Karl and his no-playing rotation has got to go.
Why did we sign Chucky Atkins to leave him on the bench in crunch time? Didn't we sign him for his 3 poitn shooting and experience in the playoffs?

It's obvious that Kobe has trouble with bigger, physical defenders...where's Ron Artest? OH wait...


----------



## BallStateCards (Oct 14, 2004)

If you start JR, yall better keep him off Kobe, cause dude gave it to JR in the fourth quarter. He committed his last three fouls in like two minutes...


----------



## pac4eva5 (Dec 29, 2005)

BallStateCards said:


> If you start JR, yall better keep him off Kobe, cause dude gave it to JR in the fourth quarter. He committed his last three fouls in like two minutes...

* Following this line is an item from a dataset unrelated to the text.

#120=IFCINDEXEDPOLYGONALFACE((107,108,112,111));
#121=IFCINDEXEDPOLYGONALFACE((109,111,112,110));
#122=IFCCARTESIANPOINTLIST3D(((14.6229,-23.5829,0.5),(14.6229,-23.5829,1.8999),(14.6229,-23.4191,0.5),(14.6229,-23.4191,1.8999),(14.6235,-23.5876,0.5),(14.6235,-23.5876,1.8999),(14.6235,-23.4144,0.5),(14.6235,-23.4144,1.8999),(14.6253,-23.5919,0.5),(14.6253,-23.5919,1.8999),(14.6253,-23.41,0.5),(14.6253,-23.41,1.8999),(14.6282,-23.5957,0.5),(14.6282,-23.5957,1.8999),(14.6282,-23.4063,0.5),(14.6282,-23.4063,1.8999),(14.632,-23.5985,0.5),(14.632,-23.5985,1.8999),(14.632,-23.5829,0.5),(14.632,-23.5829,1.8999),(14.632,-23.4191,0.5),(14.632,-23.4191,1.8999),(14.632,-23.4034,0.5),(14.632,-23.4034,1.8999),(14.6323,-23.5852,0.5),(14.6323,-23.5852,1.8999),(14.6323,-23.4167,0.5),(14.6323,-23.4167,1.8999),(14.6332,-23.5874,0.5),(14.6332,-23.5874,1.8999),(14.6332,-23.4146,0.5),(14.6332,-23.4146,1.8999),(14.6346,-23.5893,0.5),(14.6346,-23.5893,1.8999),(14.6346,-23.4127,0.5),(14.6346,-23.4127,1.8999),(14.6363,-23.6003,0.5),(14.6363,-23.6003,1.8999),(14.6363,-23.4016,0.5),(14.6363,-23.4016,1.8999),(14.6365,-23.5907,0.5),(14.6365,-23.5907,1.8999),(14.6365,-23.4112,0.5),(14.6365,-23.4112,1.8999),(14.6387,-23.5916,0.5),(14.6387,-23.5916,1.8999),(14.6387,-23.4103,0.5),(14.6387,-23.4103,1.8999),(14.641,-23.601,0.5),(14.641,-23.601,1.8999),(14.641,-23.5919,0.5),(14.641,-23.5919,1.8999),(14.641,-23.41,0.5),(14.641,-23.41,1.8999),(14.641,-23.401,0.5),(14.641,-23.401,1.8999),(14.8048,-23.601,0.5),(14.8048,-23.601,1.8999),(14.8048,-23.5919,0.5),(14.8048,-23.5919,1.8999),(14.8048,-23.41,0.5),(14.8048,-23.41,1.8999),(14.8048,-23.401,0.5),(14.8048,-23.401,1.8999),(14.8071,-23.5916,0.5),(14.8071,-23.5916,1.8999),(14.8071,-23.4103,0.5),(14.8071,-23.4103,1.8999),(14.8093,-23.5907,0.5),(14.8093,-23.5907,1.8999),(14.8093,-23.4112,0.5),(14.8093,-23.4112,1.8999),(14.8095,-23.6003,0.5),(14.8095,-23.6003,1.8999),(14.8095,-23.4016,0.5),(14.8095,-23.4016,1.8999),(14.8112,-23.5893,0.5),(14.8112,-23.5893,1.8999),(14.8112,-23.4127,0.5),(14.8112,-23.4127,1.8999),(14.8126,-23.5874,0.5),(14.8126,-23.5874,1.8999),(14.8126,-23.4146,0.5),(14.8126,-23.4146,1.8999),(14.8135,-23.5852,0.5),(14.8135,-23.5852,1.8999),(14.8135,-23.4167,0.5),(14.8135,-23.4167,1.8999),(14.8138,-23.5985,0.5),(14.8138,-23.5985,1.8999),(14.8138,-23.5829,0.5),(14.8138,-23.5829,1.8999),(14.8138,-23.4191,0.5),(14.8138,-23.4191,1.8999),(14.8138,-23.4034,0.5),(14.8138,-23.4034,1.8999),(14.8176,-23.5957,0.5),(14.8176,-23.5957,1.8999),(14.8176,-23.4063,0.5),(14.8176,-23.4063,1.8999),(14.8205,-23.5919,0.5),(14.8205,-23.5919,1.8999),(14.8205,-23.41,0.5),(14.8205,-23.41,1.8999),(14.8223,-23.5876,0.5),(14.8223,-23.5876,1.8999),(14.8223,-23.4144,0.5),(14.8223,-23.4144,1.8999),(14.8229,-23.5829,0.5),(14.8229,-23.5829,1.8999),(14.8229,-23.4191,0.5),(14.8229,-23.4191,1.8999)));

i was gonna say the same thing. hell no to starting JR!

decent news is that kleiza might start and while i think he is absolutely overrated, hes still a much better offensive and defensive option than anthony carter, the worst starting PG in the nba.

kleiza can no doubt about it, hang with rad. keep K on kobe. there u have it, a much bigger, better, team.

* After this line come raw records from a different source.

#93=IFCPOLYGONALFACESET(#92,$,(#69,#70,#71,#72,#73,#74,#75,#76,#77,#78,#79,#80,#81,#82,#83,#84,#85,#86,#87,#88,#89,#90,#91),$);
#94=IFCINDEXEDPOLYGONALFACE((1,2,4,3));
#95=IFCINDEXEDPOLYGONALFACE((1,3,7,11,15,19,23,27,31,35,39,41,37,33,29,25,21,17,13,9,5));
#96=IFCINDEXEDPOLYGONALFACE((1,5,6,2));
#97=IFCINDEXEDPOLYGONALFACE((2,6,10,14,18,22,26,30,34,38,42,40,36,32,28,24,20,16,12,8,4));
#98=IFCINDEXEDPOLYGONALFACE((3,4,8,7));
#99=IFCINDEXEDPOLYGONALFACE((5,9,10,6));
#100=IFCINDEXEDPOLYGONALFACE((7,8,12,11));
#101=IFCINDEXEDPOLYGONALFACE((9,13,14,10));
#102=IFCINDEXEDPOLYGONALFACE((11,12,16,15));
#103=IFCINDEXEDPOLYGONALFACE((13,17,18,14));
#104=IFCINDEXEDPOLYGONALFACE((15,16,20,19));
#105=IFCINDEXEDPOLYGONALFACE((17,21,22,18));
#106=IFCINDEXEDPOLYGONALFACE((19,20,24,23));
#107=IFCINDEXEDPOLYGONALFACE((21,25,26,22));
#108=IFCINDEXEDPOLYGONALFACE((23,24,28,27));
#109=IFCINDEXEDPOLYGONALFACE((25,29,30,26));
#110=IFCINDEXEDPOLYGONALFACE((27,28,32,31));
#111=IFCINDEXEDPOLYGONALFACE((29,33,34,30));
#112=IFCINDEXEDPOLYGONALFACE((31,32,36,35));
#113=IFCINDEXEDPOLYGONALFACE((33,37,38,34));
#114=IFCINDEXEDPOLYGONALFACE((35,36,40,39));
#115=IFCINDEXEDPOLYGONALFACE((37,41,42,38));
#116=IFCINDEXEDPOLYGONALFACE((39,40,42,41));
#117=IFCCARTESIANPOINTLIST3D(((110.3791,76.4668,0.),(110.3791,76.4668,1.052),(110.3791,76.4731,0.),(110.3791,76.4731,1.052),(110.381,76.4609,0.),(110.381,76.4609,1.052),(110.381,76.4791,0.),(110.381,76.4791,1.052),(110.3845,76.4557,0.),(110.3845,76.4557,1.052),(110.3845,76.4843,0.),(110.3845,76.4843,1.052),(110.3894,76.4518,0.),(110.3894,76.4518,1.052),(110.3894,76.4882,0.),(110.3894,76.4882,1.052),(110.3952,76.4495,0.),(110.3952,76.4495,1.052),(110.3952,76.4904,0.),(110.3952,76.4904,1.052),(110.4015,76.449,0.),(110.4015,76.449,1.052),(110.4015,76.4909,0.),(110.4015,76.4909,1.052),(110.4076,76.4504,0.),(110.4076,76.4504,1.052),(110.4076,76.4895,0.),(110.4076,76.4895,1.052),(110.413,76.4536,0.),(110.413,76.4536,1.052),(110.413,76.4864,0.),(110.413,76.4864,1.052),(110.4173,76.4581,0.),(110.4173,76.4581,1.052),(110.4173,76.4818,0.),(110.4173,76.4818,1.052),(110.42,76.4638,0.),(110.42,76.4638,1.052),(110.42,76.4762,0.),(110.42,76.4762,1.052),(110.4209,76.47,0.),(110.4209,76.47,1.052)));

anyways, this doesnt solve everything. obviously camby, the laziest piece of **** in the nba aside from vince carter, is still gonna try to "block shots" at the top of the key and give up dunk after dunk to gasol. nene doesnt want to hurt his vagina and hunter doesnt know what playing time means... ugh, we are in trouble...


----------



## darth-horax (Nov 21, 2005)

^^^ Post Of The Year!!!


----------



## Vermillion (Mar 23, 2004)

Why don't we try Bobby Jones? He can't be worse than Kleiza or Carter in defending Kobe, plus he can hit those open threes.


----------



## HB (May 1, 2004)

pac4eva5 said:


> i was gonna say the same thing. hell no to starting JR!
> 
> decent news is that kleiza might start and while i think he is absolutely overrated, hes still a much better offensive and defensive option than anthony carter, the worst starting PG in the nba.
> 
> ...


Extremely dumb statement.


----------



## darth-horax (Nov 21, 2005)

Vermillion said:


> Why don't we try Bobby Jones? He can't be worse than Kleiza or Carter in defending Kobe, plus he can hit those open threes.

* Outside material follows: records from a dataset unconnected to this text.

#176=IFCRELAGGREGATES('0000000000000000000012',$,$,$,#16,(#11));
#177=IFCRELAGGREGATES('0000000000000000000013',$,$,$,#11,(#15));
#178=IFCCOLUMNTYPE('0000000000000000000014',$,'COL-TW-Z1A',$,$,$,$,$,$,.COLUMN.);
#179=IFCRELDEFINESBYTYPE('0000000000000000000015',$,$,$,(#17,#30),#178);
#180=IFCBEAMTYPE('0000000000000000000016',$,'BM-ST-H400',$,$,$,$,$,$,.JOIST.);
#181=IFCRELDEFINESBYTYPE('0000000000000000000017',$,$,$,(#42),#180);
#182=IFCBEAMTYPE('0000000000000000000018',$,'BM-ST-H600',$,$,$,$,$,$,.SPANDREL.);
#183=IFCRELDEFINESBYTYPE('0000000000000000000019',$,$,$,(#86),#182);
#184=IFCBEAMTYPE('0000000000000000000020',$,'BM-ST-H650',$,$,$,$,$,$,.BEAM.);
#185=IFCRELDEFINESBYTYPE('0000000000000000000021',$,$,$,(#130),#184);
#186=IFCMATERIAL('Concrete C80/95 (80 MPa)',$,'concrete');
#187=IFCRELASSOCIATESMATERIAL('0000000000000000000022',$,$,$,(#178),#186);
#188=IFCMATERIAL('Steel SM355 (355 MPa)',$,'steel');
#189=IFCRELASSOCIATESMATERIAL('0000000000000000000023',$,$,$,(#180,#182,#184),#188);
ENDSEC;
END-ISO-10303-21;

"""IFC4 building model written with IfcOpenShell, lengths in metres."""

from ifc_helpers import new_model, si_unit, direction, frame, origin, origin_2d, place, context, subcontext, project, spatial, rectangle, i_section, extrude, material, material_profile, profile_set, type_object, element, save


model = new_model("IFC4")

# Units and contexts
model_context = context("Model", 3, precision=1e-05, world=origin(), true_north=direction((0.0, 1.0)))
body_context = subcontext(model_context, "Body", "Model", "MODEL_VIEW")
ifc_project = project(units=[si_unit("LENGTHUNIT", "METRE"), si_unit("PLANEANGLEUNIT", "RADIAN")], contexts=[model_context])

I'd say thte same thing, but Bobby Jones was traded several months ago.


----------



## jericho (Jul 12, 2002)

He probably meant the Bobby Jones who played for Denver in the ABA days. Maybe the dude's kept himself in shape. He'd probably still be an upgrade for the team defensively.


----------



## Sliccat (Oct 16, 2004)

darth-horax said:


> I'd say thte same thing, but Bobby Jones was traded several months ago.


and they signed him a few days ago. Where have you been? But no, he was always really foul prone, and his threes aren't all that reliable.



> Extremely dumb statement.


lol. this guy with the VC radar.


----------



## darth-horax (Nov 21, 2005)

Wow! I didn't catch that. I just saw it confirmed on the Nuggets website.

My apologies...I've been really busy with grad school work, so I missed it.


----------



## pac4eva5 (Dec 29, 2005)

HB said:


> Extremely dumb statement.


about camby or vince?


----------